I always make a rider with a dog keep the dog on their lap or at their feet on a large towel I supply for the purpose.

After the ride the towel goes into a plastic bag in the trunk until I get time to vacuum it.

C) * It can negatively affect your income - *Aside for the driver or immediate family there is the possibility of transporting a passenger with a pet allergy or a simple aversion to pets. It is not uncommon in the purchase or sale of household or clothing items or even stuffed animals for there to be people that will not buy anything that does not come from a pet free environment.

Killing time with a couple of other drivers once a driver saw my screensaver which has my dog featured. He told me he lost a fare once when they noticed a screensaver on his phone of his dog and asked if it was ever in the car with him.

D) The worst issue I've experienced......

MOST PEOPLE here seem to think I am a dog hater or something akin to one when the opposite is actually the case. I AM THAT PERSON they hate that wants to take my dog everywhere with me and expects everyone to love him. (they actually do though)

I have an intact French Bulldog. He is 2 years old and at my side or feet pretty much anytime I am not driving ride share. He is well known and loved in my office as well as the offices of associates I do business with. Clients usually meet him when they meet me. Frenchies are natural Goof Balls and People Pleasers and most people find him to have a very unique personality.

At the end of 2018 I rotated my "business" car into the mix for driving Ride Share. It is a 2016 full size domestic 4 door top trimmed model. My Frenchie has been in it at my side for 2 years.

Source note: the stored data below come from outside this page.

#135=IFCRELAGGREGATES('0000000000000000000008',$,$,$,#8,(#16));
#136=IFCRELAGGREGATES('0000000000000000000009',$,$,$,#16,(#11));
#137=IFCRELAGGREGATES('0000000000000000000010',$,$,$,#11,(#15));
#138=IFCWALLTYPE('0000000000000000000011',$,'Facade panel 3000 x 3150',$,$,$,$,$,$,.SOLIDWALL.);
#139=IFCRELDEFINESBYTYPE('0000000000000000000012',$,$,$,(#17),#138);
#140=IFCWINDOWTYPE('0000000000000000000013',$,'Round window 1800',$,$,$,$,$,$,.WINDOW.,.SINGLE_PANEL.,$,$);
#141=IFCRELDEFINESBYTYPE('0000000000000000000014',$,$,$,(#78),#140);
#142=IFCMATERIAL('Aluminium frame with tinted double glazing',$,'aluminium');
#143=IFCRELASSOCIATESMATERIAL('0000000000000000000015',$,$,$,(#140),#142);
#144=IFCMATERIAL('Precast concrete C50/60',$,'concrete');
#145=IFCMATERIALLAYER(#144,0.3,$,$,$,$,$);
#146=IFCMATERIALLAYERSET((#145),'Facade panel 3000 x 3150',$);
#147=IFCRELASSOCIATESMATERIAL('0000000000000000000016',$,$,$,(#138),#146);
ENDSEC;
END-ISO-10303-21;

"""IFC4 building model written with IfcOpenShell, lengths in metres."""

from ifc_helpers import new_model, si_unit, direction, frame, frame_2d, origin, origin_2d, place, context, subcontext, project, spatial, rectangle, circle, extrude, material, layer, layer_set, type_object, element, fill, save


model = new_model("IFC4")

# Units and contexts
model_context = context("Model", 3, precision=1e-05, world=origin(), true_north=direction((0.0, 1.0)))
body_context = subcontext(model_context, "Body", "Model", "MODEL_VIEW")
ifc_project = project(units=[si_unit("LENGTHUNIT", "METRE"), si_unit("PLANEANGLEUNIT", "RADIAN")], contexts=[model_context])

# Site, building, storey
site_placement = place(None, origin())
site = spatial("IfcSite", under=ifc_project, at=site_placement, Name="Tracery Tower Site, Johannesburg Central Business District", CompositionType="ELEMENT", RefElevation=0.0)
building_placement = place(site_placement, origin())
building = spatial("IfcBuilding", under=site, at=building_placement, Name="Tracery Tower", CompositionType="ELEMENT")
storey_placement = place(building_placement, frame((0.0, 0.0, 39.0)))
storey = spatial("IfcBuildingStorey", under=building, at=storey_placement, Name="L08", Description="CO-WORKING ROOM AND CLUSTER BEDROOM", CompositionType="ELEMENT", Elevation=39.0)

One morning we got in the car and off to the office of an associate. He left my side and was sniffing around the back and as I watched in the mirror he "marked" the rear passenger side door and seat and as I was pulling over while admonishing him he marked the floor on that side of the car as well.

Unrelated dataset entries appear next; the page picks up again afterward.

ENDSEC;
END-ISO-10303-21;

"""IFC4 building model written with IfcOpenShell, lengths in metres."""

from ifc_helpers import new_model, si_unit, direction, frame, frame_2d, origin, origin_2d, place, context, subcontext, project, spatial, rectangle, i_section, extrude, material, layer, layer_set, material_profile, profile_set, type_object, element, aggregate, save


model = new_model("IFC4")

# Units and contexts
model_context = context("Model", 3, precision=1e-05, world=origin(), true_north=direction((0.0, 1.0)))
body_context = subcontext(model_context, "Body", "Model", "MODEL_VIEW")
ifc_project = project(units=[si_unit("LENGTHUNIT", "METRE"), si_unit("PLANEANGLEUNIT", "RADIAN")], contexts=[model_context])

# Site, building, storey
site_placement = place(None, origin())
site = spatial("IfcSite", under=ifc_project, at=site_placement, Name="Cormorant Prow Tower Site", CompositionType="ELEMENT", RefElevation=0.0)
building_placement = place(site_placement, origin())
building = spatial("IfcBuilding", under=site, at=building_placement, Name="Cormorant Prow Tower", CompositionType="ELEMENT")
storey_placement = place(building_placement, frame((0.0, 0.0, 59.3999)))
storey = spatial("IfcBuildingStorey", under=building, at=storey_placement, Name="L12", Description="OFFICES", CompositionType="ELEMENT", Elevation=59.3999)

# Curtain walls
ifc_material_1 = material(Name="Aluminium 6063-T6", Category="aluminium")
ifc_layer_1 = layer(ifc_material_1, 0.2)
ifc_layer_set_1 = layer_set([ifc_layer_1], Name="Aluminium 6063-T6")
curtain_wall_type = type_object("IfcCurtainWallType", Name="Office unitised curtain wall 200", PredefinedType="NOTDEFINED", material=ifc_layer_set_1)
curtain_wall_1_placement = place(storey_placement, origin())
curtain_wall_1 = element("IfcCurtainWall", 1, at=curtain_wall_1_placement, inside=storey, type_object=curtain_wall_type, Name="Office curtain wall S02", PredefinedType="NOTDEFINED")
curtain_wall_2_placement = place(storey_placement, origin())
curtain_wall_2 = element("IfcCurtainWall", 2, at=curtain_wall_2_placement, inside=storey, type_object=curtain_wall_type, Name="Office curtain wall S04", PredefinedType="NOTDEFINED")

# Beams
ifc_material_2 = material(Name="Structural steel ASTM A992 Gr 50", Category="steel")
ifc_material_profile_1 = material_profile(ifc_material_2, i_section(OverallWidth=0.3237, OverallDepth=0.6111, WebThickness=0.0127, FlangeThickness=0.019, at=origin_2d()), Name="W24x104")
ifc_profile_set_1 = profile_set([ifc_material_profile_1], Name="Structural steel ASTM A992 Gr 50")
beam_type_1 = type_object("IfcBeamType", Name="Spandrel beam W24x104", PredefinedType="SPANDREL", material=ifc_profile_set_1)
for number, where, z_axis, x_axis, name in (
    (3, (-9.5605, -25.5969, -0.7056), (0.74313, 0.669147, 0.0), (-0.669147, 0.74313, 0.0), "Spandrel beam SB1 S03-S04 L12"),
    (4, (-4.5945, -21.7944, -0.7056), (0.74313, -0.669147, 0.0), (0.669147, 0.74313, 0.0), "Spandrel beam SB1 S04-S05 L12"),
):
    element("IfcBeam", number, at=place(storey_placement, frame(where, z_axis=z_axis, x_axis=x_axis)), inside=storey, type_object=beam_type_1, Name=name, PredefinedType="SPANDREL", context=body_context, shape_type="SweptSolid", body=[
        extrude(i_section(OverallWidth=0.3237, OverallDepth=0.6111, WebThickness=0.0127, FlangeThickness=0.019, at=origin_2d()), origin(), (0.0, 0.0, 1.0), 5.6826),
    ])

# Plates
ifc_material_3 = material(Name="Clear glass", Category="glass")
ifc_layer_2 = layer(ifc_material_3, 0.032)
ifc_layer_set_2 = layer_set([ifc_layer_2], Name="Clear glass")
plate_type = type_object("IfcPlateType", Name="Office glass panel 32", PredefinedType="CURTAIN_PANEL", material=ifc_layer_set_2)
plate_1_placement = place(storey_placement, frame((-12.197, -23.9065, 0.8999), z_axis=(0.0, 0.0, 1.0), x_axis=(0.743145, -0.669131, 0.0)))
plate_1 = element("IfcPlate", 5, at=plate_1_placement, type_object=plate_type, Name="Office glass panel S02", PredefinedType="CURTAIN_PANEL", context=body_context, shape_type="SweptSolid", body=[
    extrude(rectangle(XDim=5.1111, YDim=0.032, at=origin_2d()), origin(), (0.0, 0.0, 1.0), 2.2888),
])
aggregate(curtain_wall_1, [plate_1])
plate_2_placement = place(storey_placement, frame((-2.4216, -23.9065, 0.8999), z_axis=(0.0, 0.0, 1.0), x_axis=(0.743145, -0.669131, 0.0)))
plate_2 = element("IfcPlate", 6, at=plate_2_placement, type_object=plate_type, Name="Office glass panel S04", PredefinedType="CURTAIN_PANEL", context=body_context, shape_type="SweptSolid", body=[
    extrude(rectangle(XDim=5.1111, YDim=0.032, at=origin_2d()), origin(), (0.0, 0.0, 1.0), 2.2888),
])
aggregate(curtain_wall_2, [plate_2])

He had NEVER marked in my home or in the car previously. I thought he may be sick and we went to see his Vet that afternoon. He was fine but the Dr questioned me on things and asked of anyone else had been in the car recently that owned a dog or had one.

That triggered my memory and something I should have already thought of. The day before I had transported a lady with her dog to a breeder. He dog was in heat, wearing a diaper, on the way to being impregnated.

AS much as I know and SHOULD have known this would happen, I spaced it off. I steamed the carpets cleaned the door seat and used neutralizer on the areas. After it was dry and I could smell nothing I ran a Ozone Generator in the car cycling air through all the vents in every possible setting.

The next time he was in the car he was fine so I guess I got it taken care of for now. I use the Ozone Generator after anything that smells up the car now.

So&#8230;&#8230;. Transporting a pet can affect other passengers, your ratings and tips and even your own pet if you have one. In my case I need to be careful if another intact male dog or female in heat were to be in the car.

I've since purchased a new car that my Frenchie rides beside me in during my normal day to day activities.

Some may think the odds of this happening to them are slim and they certainly may be.

Austin, however, is a very dog friendly city and in the last year went so far as to introduce a 3 day weekend event on a non-festival weekend dedicated to dogs and their owners where many restaurants developed dog friendly menus and owners were encouraged to dine with their doggies or attend events all over town.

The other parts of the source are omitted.